I usually dry wood in shavings in a paper sack. The only time I ever had the wood get moldy was with spalted wood. I try to make the shavings are as close as possible to the moisture of the piece. If I can't get it rough turned right away I'll save some of the shavings in a plastic sack until I'm ready to put the piece away. I pack shavings inside the bowl and all around it in the sack.


----------



## Woodychips (Oct 3, 2015)

As soon as I get them home said:


> Something went screwy with the quote function. Will try again


----------



## Woodychips (Oct 3, 2015)

revjerry said:


> I live along the coast of Maine. Lot of humidity and don't have much problem getting wood to dry. I go to a local Log Yard and buy trees that were cut down ten minutes ago, so they are as wet as wet can be. The yard cuts them to length for me and load them in my Van. The last time, the Van body actually rubbed against a tire; yeah, I do tend to overdo things. As soon as I get them home, I Anchor Seal them until I can get to them. Now, here's the part that's amazing to me. I've "Rough Turned" Big bowls; 16" in diameter, and let them sit out on a table. Maple, ROCK Maple, dries just fine. I've added the paper bag and see no difference. The odd part is that sometime the log sealed with Anchor Seal sitting in the garage will split and the bowls won't! My take is to get the wood either sealed well or turned into a uniformly thick walled and bottom bowl as quick as possible. These logs are usually 18" long and 16" across, they are really wet and VERY heavy. But if you're going to do the task, you need to deal with it. I've dried other woods the same way, Monkey Pod, Koa, Avocado and Leeche. Oak ALWAYS causes me grief no matter what I do, so go figure that out. Good luck with it. Dry your spindle blanks BEFORE you drill them out if you can for all the reasons given. Won't take long and you'll have stock on hand no matter what you're making.

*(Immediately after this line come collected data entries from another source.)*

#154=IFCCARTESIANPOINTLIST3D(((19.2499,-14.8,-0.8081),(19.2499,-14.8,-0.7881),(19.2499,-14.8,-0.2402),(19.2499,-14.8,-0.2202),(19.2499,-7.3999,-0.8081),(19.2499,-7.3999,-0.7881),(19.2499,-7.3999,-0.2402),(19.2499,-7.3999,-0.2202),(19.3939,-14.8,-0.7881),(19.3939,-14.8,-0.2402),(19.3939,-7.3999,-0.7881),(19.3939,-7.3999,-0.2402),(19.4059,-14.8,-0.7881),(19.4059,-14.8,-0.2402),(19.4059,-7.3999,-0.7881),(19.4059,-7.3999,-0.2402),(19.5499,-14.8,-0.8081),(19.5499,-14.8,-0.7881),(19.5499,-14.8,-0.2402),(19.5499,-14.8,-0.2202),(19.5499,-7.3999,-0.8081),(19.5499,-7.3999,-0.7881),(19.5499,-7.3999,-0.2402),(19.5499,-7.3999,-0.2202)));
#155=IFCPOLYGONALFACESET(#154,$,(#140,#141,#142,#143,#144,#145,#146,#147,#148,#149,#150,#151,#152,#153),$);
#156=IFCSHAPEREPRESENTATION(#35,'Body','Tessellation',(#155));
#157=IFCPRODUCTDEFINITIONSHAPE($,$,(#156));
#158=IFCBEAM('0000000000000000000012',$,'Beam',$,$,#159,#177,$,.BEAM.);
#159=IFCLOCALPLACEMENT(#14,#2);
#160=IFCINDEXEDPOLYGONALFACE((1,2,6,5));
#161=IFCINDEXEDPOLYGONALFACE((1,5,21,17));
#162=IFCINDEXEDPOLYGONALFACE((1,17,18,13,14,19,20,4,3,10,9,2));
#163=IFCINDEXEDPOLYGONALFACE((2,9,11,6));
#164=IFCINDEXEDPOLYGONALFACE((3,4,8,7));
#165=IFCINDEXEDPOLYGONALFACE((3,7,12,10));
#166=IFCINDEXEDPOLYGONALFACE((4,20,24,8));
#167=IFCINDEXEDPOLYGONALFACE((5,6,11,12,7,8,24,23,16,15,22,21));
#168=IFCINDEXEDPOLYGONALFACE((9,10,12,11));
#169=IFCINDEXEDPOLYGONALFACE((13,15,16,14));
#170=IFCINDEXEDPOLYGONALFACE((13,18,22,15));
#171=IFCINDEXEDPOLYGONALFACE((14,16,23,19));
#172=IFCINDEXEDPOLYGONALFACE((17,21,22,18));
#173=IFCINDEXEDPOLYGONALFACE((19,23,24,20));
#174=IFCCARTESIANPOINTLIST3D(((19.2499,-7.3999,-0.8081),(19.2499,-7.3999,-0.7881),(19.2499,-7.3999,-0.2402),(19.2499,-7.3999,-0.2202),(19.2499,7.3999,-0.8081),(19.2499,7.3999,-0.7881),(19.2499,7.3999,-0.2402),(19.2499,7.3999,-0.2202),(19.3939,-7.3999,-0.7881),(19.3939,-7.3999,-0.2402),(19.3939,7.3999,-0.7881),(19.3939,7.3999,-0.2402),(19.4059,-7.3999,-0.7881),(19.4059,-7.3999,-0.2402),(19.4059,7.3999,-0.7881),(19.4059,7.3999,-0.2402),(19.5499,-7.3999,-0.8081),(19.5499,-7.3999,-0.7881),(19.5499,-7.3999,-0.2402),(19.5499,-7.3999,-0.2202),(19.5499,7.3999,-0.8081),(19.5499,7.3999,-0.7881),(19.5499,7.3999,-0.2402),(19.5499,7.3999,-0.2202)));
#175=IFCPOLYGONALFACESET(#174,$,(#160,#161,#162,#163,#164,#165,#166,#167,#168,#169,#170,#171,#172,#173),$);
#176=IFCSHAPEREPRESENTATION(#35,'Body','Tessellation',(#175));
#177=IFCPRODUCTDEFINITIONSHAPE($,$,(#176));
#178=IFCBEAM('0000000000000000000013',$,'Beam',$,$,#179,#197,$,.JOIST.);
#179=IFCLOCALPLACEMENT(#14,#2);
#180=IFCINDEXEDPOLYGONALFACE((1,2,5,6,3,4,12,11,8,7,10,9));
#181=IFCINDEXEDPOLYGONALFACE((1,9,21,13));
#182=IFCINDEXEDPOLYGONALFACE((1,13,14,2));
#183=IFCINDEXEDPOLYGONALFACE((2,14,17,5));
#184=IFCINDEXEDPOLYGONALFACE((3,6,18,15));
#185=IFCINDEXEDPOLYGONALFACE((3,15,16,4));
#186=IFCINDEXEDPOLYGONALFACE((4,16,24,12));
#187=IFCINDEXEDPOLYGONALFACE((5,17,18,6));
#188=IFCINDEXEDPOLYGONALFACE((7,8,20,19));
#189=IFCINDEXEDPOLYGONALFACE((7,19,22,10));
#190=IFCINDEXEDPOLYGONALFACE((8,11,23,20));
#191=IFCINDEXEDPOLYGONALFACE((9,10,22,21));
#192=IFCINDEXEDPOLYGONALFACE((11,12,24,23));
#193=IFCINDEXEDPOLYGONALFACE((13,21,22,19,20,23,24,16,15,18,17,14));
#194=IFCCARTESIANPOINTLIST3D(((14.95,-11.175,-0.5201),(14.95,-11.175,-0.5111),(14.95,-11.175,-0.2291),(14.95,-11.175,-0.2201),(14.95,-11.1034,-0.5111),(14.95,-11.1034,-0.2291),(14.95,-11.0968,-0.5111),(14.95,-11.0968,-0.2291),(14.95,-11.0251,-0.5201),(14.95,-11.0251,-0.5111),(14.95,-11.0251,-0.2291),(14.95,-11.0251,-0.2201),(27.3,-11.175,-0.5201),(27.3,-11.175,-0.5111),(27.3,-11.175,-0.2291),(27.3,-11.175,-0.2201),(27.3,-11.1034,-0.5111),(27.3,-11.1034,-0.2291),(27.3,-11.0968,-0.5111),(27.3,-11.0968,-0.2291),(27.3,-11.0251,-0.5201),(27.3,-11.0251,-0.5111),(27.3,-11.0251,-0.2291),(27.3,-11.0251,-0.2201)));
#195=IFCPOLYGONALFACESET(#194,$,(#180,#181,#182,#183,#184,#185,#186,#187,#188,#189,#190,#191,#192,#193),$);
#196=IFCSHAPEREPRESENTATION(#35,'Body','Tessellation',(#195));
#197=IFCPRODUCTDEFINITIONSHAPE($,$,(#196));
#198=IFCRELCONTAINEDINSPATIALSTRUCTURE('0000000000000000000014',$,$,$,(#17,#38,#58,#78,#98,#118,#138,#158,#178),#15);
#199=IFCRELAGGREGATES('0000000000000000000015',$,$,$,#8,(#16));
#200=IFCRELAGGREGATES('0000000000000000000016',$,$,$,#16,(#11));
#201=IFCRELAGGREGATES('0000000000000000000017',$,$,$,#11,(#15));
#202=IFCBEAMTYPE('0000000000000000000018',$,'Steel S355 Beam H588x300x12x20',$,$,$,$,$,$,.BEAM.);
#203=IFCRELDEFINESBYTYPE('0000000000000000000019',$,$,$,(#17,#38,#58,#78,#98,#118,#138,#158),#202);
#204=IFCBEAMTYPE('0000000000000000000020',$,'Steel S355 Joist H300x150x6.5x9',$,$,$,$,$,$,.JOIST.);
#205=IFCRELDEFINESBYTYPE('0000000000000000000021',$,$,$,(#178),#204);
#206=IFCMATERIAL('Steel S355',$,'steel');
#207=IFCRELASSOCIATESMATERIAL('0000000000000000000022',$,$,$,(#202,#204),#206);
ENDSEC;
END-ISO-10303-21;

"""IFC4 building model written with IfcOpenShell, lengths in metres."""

A log will never dry in one piece without splitting in some way or another. You will get splits at the end grain for sure and depending on how long the log sits, maybe a side split as well. Your logs are only 18" long so you have left little room for degrade at both ends. I have dried a 7' long by 15" dia. walnut log that sat in my shop for approx 10 years. I lost about 14" of wood on both ends. I had another 6' curly maple log that sat for about 5 years and it had a side split from top to bottom. 


The reason that you can rough turn a bowl and dry it without splitting is because the bulk of internal material has been removed. This allows the bowl to shrink inward and outward into that oval shape. A log when it dries has nowhere to shrink except inwards towards the core. Something has to give. That's why they split. 

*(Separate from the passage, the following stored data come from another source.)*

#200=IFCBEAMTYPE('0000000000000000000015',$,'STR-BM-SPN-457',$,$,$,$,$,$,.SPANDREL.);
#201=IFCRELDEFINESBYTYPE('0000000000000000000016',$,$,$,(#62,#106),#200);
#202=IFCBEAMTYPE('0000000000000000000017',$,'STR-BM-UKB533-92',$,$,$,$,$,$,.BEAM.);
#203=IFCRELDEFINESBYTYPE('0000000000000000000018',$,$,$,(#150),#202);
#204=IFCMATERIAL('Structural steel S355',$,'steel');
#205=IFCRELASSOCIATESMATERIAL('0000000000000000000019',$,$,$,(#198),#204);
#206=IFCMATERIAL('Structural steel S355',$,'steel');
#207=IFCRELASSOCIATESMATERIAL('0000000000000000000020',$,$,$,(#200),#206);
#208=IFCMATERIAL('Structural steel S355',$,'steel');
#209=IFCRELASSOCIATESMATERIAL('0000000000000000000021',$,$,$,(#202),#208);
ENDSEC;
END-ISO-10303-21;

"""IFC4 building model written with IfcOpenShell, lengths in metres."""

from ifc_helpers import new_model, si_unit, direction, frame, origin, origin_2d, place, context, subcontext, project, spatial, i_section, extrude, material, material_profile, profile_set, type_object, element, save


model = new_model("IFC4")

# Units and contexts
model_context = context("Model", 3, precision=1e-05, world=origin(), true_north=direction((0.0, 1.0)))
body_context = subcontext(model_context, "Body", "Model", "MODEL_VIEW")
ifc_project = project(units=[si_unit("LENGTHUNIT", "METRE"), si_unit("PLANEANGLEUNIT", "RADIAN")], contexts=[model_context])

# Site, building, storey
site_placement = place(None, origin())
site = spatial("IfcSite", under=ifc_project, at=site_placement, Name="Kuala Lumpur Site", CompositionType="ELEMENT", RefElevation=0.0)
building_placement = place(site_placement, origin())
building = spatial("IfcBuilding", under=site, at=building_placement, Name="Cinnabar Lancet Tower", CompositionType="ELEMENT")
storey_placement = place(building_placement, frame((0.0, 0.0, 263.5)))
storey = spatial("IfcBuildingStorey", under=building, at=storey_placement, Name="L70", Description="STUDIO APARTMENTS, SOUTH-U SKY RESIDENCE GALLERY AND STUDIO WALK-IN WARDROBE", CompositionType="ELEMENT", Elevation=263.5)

I use end sealer on most of my rough turnings and I paper bag them as well. Some woods like black cherry and walnut need extra care when drying. Others like poplar and Manitoba maple are a breeze.


----------



## Jerry Maske (Dec 29, 2013)

Woodychips,
And of course, you're right. Any log will split at some point in time regardless of how much Anchor Seal you use. My "Trick" is to buy what I can get to before that happens. Lets face it, Rough Turning a bowl doesn't take much time. The "trick" to it is to do the prep work well. By that I mean the Chain Saw work. I get the ends square to each other, cut out the pith, knock off the bark, cut the ends so that they are close to round and get as much excess wood off as I can. It's easier to pick up that way and the lathe likes a lighter, more balanced piece of wood a lot better. Turning a wet piece of Rock Maple is fun too. I've had so much water on my tools I was actually able to taste some of it and could tell that this would have made Maple Syrup! Yeah, that's a wet log.

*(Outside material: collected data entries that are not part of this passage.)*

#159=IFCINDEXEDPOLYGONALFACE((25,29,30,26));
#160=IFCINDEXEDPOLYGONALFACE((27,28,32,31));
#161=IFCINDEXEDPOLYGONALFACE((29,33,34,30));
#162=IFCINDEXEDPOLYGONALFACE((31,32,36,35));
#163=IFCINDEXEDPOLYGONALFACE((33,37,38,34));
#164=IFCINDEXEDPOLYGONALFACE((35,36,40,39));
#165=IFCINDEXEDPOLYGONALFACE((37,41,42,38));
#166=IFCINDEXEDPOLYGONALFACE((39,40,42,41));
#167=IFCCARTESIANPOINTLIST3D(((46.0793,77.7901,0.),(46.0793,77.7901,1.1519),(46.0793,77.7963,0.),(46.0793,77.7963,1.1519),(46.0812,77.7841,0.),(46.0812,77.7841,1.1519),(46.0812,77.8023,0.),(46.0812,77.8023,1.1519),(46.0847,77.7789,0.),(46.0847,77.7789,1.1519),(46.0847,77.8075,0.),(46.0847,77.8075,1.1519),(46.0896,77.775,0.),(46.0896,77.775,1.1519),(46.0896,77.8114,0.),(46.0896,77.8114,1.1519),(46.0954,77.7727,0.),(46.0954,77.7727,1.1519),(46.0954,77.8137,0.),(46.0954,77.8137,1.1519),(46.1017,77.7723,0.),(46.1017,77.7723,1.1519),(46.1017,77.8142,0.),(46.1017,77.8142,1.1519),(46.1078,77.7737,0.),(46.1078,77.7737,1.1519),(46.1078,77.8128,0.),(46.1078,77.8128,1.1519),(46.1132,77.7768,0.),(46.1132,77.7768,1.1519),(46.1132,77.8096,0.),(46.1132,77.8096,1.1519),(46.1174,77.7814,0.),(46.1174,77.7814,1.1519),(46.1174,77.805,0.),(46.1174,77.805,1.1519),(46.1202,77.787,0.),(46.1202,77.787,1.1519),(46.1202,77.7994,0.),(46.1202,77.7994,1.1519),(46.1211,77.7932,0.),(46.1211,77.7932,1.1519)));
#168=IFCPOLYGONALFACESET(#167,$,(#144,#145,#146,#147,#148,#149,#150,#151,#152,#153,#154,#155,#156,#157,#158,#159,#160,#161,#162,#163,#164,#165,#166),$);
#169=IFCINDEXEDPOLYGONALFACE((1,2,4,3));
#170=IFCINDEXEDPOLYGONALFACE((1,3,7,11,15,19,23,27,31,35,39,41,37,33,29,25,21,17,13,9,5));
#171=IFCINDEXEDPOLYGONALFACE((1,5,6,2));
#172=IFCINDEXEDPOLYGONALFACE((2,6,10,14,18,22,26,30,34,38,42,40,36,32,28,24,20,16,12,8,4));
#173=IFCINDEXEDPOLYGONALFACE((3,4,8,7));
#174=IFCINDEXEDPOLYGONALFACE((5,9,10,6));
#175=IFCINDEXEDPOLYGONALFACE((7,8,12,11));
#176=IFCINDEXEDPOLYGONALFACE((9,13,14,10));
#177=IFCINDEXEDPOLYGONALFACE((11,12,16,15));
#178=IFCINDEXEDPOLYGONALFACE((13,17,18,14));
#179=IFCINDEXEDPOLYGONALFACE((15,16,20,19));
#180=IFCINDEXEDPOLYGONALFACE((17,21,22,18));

Richard Raffin aludes to the fact that drying wood in log form or rough turned bowls is a crap shoot and will be different for each of us depending on where we live. The humidity in Maine is always above fifty percent at all times of the year, and usually half again that much. I've got a work table I use as my guide. I stick my moisture meter into the legs, fifteen year old 2 x4, and that's what I take as "Ambient." Yesterday, it was twelve percent. If that old chunk of wood is still at twelve, how could any of the other wood get any lower? But, that's where I live.


----------